Electrolyte content of sweat
Sweat volume and content depends on who you are and on your degree of acclimatization, but the average value for osmolality is about 120mosm, with a broad range (62 to 192 mosm/Kg).
If you want to know the human sweat electrolytes in grim detail, this article is for you. There is even a picture of a horrific box draped with garbage bags inside which the principle investigator is peddling on an ergometric cycle in his underwear. There is a gentlemanly discourse on this topic is available from 1932; it was written by a H.H Mosher, from the Climax Rubber Company, and it compares the electrolyte composition of sweat to that of urine. Nothing is measured in osmoles, but there is a savage joy in reading about somebody being put into a heating chamber swaddled in sheets of rubber. A more sober account of sweat osmolality can be found here.
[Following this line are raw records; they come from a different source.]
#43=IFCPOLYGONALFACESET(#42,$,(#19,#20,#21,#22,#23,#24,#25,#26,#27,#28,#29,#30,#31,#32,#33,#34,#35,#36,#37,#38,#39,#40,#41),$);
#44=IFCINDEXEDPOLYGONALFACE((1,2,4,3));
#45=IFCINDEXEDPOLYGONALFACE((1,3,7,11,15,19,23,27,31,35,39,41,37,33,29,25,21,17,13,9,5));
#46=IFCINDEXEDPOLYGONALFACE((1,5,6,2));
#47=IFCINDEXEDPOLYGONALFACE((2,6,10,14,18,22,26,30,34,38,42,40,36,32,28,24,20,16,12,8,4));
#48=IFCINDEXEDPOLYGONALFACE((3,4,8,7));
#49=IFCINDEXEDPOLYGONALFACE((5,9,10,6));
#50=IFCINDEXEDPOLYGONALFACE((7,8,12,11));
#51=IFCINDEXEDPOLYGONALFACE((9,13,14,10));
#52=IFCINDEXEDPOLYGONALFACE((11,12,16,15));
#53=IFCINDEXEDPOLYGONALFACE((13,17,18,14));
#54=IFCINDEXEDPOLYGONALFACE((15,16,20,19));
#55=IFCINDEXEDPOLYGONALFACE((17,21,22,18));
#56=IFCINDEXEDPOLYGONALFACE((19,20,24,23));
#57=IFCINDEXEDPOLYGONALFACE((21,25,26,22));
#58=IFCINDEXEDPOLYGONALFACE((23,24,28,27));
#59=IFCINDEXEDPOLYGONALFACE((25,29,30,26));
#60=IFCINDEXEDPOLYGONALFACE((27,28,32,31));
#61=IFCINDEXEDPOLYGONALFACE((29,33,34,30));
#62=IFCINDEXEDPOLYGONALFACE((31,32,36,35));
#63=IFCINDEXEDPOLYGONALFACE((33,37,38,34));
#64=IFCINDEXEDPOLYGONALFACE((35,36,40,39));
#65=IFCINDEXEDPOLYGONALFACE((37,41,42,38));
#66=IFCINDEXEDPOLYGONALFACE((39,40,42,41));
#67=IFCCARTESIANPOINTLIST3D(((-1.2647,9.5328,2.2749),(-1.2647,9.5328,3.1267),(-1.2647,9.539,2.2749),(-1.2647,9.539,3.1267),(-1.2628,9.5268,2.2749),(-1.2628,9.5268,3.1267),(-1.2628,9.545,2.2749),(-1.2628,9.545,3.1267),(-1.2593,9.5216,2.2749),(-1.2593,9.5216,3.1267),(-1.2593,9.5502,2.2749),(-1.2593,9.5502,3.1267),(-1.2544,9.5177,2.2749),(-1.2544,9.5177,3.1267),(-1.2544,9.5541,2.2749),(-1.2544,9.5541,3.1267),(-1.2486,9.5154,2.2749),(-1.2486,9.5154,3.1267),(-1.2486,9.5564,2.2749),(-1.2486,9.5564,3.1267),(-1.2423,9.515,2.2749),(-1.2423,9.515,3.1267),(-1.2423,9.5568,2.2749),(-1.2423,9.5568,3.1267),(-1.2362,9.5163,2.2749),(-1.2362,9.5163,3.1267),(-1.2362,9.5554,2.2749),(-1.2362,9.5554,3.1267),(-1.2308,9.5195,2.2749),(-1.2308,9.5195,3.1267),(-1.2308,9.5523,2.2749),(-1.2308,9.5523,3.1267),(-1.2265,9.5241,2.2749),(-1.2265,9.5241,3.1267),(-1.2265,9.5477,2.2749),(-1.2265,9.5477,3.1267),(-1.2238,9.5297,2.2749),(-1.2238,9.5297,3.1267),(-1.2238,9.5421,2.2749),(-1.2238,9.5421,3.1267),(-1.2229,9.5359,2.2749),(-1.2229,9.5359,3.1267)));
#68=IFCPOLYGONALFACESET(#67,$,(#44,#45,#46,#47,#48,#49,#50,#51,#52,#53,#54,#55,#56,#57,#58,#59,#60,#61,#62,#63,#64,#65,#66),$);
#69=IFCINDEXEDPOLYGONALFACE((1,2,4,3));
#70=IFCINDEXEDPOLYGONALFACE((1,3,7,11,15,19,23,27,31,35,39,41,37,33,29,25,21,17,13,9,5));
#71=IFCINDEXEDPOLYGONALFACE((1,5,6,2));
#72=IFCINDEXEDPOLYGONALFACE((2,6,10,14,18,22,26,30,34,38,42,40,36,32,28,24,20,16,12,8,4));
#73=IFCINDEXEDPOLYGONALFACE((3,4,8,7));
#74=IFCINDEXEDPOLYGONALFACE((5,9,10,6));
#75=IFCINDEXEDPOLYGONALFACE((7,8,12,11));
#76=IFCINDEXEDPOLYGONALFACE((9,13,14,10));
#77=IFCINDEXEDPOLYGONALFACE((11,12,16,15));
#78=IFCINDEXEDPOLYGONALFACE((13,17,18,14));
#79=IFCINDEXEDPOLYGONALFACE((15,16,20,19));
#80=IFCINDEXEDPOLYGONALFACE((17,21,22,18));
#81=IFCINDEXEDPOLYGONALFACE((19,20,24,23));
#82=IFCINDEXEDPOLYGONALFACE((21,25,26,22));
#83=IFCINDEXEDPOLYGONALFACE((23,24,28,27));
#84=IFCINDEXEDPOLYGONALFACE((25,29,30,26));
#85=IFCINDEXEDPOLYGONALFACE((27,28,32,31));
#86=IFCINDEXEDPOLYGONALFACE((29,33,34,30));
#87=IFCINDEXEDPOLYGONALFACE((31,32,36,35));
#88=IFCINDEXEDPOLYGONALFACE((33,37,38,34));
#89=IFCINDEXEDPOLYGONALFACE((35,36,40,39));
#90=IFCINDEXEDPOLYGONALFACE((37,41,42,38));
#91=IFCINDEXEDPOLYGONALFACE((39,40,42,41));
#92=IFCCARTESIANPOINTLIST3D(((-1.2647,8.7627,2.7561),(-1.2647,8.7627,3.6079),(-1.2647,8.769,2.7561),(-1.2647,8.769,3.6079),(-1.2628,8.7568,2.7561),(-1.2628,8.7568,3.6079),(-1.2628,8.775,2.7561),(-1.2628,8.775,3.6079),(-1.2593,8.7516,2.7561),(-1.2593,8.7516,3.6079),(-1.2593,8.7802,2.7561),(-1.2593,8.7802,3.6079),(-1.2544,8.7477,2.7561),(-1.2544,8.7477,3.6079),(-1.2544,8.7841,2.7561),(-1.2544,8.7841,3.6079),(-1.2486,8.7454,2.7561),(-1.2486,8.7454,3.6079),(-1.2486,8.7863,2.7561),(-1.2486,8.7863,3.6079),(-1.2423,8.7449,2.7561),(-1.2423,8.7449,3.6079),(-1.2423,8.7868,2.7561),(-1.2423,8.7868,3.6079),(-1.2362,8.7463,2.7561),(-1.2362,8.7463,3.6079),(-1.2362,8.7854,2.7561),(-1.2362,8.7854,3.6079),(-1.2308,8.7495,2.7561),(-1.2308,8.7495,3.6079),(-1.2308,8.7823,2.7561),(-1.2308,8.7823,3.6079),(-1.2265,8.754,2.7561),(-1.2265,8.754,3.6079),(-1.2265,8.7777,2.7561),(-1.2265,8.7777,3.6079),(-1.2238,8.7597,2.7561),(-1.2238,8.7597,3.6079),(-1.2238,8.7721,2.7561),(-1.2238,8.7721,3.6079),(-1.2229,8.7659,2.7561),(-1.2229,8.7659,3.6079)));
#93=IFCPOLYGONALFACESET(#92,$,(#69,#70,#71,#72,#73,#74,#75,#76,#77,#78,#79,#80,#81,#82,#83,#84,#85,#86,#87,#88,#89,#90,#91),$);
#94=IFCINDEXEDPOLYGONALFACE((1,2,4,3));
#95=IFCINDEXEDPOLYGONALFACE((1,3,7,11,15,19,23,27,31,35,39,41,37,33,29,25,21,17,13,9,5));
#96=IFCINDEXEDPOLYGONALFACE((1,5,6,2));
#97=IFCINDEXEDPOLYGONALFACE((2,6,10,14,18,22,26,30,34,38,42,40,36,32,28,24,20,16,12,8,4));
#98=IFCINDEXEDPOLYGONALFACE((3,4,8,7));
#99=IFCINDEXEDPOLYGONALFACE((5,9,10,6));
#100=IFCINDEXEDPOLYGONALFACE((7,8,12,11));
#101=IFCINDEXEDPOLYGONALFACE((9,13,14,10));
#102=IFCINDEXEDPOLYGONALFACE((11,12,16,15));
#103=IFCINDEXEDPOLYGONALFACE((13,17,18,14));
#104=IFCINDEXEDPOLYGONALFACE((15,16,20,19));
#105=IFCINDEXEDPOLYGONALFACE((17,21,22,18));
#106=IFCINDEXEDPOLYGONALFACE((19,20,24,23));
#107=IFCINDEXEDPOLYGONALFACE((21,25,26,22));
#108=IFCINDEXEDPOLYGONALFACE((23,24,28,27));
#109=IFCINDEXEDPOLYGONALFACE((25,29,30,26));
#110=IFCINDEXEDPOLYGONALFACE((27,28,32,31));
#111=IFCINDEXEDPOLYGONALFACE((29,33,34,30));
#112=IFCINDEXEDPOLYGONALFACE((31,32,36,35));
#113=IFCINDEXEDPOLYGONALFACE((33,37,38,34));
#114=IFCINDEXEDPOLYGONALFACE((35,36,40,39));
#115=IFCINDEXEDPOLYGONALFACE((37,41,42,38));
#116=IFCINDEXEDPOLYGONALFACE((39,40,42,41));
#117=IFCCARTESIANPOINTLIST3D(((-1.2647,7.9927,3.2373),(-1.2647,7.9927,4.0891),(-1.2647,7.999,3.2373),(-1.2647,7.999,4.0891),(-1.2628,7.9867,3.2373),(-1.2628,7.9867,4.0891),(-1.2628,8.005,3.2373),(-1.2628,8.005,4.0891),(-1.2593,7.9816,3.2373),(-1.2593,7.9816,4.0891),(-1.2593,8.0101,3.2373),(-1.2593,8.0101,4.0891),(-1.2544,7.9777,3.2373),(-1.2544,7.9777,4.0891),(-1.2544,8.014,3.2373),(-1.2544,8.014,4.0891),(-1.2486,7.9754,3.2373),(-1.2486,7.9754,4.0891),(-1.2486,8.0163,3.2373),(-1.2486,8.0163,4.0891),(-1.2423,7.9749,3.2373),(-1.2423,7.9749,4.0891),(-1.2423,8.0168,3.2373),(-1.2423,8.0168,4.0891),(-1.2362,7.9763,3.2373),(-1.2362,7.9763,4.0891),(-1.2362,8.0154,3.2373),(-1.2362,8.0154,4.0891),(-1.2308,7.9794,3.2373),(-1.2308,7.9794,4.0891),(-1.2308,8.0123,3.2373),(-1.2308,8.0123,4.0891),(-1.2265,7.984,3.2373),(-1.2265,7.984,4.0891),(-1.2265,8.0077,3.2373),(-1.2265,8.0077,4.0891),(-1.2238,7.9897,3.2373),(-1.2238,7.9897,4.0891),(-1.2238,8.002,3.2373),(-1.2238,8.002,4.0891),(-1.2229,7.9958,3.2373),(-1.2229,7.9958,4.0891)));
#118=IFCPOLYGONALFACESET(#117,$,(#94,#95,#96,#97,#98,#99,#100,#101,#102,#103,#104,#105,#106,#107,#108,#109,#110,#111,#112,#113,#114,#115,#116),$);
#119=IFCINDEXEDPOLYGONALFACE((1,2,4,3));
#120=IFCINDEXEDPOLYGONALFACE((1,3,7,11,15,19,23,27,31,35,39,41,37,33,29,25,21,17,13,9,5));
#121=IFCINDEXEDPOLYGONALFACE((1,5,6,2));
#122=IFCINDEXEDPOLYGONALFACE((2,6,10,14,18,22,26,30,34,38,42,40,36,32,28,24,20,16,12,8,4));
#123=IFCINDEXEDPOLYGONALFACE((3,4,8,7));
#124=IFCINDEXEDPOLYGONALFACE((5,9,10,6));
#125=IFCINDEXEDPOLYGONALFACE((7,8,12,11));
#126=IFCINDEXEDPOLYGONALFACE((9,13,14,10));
The electrolyte concentrations offered here are obviously not definitive. There is significant variation between people, particularly people who are acclimatised to different ambient heat levels. As the level of heat in your environment increases, you adapt by decreasing the electrolyte concentration of your sweat, such that the more you sweat and the longer you spend in a hot country, the more aldosterone will try to preserve the sodium. There will be a reduction in sodium loss. They say it could be as little as 5mmol/day. The process of adaptation to hot climates, where you learn to produce greater volumes of sweat and lose less sodium, is called "acclimatisation". Allan and Wilson (1971) found acclimatised subjectes excreted about half as much sodium in their arm-sweat than unacclimatised subjects. Moreover, there is significant regional variation in sweat volume and composition within any given person. Interestingly, the forehead appears to be the sweatiest region by volume (Patterson, 2000).